Radiohead outdoes Kid A with new concert album

The Beatles recorded some of the greatest music ever made. The problem is, or rather was, that they never got a chance to try and reproduce their studio marvels live.

Many Beatles songs have never been played live by the Beatles themselves because technology did not allow for songs like “Strawberry Fields” or “Penny Lane” to be played onstage.

Radiohead, on the other hand, set out earlier this year to prove that they could reproduce the ambient sounds of their recent two releases, 2000’s dark and brooding “Kid A,” and 2001’s eclectic and often times schizophrenic “Amnesiac.”

Radiohead then captured a few sets on reel to reel and put the best, or at least the most interesting, eight songs on their newly released live album “I Might Be Wrong.”

“I Might Be Wrong” is a live album like no other this reporter has seen. The only live album that could possibly stand up to the high standards set by Radiohead’s latest work is the “Allman Brothers Live at the Fillmore.” Both of these albums capture the bands at their highest peak, and most transcending moments.

On their live release, Radiohead has eschewed the live album mold of putting the crowd favorites on there for putting the more experimental songs from their last two albums. This bold move of defiance pays off. The versions of tracks like “Idioteque,” “Everything in its Right Place,” and “Like Spinning Plates” blow the studio versions out of the water. “Idioteque” is stripped down to the bare essentials and recreated live with an overtly “human” sense to it, something of which the studio version was devoid.

The song “I Might Be Wrong” is recreated live with an almost Neil Young feel to it. The brash guitars, the only distorted ones on the album, are loud and angry.

This cynical song is performed to perfection. “National Anthem” opens up the album with a very energetic and chaotic start. The horns that are present in the studio version of the track are replaced with the faster tempo and the haunting mellotron type sounds in the background.

The closing piece to the album, and what makes the album worth buying, is the song “True Love Waits.” “True Love Waits,” a song about unrequited love and a more mature version of “Creep” if you will, is sheer beauty.

The song contains one of the catchiest and purest guitar figures in recent history. Again, the album is worth purchasing for this track alone.

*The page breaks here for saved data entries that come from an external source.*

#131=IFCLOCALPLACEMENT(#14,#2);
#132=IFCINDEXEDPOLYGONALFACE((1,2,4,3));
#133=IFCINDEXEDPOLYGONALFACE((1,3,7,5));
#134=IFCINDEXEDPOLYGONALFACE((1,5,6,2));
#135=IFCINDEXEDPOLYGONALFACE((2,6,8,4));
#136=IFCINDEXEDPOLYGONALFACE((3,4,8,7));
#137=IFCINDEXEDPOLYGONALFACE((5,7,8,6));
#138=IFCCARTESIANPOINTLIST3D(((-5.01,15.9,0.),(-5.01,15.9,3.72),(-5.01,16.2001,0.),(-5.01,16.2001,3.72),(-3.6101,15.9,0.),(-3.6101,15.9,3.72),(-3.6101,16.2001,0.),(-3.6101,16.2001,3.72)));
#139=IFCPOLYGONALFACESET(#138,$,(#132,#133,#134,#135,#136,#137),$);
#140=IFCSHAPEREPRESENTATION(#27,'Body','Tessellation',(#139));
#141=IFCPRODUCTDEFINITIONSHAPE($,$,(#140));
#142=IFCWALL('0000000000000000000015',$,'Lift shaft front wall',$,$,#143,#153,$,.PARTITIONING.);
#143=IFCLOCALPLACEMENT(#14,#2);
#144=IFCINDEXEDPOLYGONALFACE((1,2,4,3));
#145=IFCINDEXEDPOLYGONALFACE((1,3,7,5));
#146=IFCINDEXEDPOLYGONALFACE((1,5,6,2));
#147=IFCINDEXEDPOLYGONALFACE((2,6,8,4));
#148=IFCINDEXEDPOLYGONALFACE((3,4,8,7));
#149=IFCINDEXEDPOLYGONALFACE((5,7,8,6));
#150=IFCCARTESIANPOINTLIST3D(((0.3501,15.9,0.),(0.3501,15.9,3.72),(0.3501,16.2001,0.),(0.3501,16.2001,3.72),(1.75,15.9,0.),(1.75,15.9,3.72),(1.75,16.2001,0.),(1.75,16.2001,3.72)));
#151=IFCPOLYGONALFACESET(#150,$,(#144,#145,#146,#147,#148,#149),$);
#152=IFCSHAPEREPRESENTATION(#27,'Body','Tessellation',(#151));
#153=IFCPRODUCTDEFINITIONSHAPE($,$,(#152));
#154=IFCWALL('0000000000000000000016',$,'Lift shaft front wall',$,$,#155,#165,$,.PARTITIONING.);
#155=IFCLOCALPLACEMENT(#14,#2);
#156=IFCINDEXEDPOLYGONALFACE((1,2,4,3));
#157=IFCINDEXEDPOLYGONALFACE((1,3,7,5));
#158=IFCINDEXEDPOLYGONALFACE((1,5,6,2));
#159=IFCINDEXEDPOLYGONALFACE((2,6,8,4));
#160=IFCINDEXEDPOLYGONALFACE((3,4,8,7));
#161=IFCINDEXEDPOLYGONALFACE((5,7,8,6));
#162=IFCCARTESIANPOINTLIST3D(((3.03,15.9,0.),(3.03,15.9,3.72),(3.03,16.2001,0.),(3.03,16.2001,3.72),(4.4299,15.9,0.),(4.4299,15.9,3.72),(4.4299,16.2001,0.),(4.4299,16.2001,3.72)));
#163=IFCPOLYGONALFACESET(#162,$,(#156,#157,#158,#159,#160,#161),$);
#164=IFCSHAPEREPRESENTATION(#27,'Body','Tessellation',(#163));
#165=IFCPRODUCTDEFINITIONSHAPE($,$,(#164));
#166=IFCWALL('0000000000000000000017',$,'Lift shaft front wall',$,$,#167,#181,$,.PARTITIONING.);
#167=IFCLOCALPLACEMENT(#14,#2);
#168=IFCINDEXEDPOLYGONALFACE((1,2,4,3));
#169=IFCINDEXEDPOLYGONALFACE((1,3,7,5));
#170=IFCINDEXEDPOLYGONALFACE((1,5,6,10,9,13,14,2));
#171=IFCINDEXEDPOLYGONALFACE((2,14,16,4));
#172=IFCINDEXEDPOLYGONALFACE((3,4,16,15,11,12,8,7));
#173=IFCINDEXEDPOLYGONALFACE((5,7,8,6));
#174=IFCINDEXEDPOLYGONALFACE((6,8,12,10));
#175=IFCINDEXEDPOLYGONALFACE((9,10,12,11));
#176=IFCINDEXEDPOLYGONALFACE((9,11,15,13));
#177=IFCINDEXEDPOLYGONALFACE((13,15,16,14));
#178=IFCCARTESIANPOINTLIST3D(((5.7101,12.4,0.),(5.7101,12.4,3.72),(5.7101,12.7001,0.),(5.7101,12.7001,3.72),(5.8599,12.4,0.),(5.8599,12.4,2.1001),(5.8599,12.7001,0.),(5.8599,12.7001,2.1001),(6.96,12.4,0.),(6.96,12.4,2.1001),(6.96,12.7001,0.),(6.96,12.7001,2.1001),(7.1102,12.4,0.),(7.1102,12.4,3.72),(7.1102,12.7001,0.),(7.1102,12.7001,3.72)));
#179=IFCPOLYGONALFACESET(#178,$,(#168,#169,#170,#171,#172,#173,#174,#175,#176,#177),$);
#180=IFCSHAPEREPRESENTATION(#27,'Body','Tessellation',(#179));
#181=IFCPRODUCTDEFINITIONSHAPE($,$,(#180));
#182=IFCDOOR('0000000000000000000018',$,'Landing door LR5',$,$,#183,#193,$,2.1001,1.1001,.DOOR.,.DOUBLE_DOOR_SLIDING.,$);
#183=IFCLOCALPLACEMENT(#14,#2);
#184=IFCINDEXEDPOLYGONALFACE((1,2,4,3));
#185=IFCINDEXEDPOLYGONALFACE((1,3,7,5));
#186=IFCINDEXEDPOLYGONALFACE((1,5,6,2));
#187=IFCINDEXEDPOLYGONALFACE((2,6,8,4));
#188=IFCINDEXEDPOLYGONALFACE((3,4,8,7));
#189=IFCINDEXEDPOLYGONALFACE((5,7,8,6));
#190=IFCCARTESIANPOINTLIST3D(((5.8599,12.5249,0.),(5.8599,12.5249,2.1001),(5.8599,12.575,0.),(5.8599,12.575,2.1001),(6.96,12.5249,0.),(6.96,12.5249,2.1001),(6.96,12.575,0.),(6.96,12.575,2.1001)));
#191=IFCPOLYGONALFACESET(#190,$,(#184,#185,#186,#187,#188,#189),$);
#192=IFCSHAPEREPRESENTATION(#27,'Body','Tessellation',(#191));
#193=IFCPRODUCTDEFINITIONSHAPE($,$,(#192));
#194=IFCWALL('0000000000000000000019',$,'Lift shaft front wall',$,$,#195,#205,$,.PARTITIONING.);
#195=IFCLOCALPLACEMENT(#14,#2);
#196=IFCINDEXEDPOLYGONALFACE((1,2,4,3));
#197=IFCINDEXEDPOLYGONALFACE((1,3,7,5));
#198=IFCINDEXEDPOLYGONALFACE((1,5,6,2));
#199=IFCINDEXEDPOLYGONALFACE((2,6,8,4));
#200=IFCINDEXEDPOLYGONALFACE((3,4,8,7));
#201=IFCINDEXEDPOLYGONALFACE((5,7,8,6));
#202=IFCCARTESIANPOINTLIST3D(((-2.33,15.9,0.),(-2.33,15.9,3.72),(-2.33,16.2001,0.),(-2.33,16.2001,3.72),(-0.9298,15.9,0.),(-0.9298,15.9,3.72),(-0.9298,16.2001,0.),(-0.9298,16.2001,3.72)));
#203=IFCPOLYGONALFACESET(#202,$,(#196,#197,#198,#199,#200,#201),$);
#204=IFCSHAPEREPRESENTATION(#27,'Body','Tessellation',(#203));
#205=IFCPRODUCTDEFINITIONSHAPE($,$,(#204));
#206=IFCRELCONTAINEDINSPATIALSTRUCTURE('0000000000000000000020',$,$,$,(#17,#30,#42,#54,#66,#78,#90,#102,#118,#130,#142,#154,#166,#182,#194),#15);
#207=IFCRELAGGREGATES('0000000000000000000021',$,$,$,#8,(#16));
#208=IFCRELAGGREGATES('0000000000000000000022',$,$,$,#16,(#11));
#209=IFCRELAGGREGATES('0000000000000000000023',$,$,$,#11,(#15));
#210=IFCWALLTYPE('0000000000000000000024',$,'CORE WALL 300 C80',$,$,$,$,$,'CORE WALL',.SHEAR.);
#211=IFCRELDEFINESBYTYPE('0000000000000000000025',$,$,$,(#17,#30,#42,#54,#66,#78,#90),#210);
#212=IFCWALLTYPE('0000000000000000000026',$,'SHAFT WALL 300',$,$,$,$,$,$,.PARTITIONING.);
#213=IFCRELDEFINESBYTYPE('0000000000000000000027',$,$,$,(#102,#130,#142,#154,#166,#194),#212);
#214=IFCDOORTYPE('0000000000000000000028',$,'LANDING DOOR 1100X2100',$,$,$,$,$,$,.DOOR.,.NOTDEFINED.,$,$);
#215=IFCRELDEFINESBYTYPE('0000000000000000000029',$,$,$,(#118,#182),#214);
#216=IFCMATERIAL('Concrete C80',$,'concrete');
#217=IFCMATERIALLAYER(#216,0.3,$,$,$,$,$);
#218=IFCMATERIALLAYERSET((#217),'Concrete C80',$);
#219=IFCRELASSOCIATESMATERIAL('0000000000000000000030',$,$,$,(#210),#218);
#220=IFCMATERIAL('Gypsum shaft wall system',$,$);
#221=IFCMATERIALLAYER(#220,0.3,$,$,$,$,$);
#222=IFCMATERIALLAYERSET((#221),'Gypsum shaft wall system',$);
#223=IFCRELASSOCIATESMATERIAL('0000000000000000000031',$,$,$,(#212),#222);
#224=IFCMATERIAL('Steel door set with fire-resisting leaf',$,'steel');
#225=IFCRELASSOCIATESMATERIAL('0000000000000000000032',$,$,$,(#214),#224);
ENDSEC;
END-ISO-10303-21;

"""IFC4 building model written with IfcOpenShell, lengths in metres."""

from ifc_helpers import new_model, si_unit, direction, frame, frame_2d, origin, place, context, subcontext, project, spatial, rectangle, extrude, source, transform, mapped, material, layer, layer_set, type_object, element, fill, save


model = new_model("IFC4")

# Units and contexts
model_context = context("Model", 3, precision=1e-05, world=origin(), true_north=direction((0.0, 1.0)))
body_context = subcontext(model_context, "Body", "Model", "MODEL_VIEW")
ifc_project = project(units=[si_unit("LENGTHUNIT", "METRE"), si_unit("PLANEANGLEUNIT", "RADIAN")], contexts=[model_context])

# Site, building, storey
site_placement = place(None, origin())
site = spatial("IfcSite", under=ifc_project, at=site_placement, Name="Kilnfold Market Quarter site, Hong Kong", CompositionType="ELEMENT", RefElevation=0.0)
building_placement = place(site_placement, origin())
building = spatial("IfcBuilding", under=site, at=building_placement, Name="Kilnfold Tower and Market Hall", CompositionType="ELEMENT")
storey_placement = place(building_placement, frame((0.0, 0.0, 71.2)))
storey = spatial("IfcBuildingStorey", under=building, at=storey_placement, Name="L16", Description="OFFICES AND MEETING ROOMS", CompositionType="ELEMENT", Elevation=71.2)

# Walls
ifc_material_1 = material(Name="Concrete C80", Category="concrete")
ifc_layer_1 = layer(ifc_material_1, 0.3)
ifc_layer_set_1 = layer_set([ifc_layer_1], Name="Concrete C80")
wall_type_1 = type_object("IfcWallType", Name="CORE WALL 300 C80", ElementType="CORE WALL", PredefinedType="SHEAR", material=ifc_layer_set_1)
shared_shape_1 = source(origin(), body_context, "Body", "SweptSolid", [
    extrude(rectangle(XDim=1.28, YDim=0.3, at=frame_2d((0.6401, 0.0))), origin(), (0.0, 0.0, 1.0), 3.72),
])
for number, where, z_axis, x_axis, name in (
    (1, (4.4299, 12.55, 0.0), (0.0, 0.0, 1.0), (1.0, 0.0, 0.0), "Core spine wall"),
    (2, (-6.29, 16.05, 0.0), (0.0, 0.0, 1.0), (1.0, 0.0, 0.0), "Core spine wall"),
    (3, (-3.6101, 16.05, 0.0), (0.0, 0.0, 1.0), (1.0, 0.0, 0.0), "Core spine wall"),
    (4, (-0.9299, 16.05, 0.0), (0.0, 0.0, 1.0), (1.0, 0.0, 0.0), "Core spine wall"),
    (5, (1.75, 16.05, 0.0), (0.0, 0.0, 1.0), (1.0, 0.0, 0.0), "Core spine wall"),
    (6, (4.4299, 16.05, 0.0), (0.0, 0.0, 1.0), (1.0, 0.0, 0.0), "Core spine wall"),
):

Despite the short list of tracks on here, only eight, this album is worth the money. It is certainly one of the better, if not best, live albums in recent history. Radiohead creates realistically, if not more emphatically, live, the somber and often times harrowing mood their past couple of studio ventures have had.

Despite being often labeled the greatest band in the world, Radiohead proves on this album they are just five guys that like to make music, critics be damned. Radiohead once again proves that they are a band that is all about the music.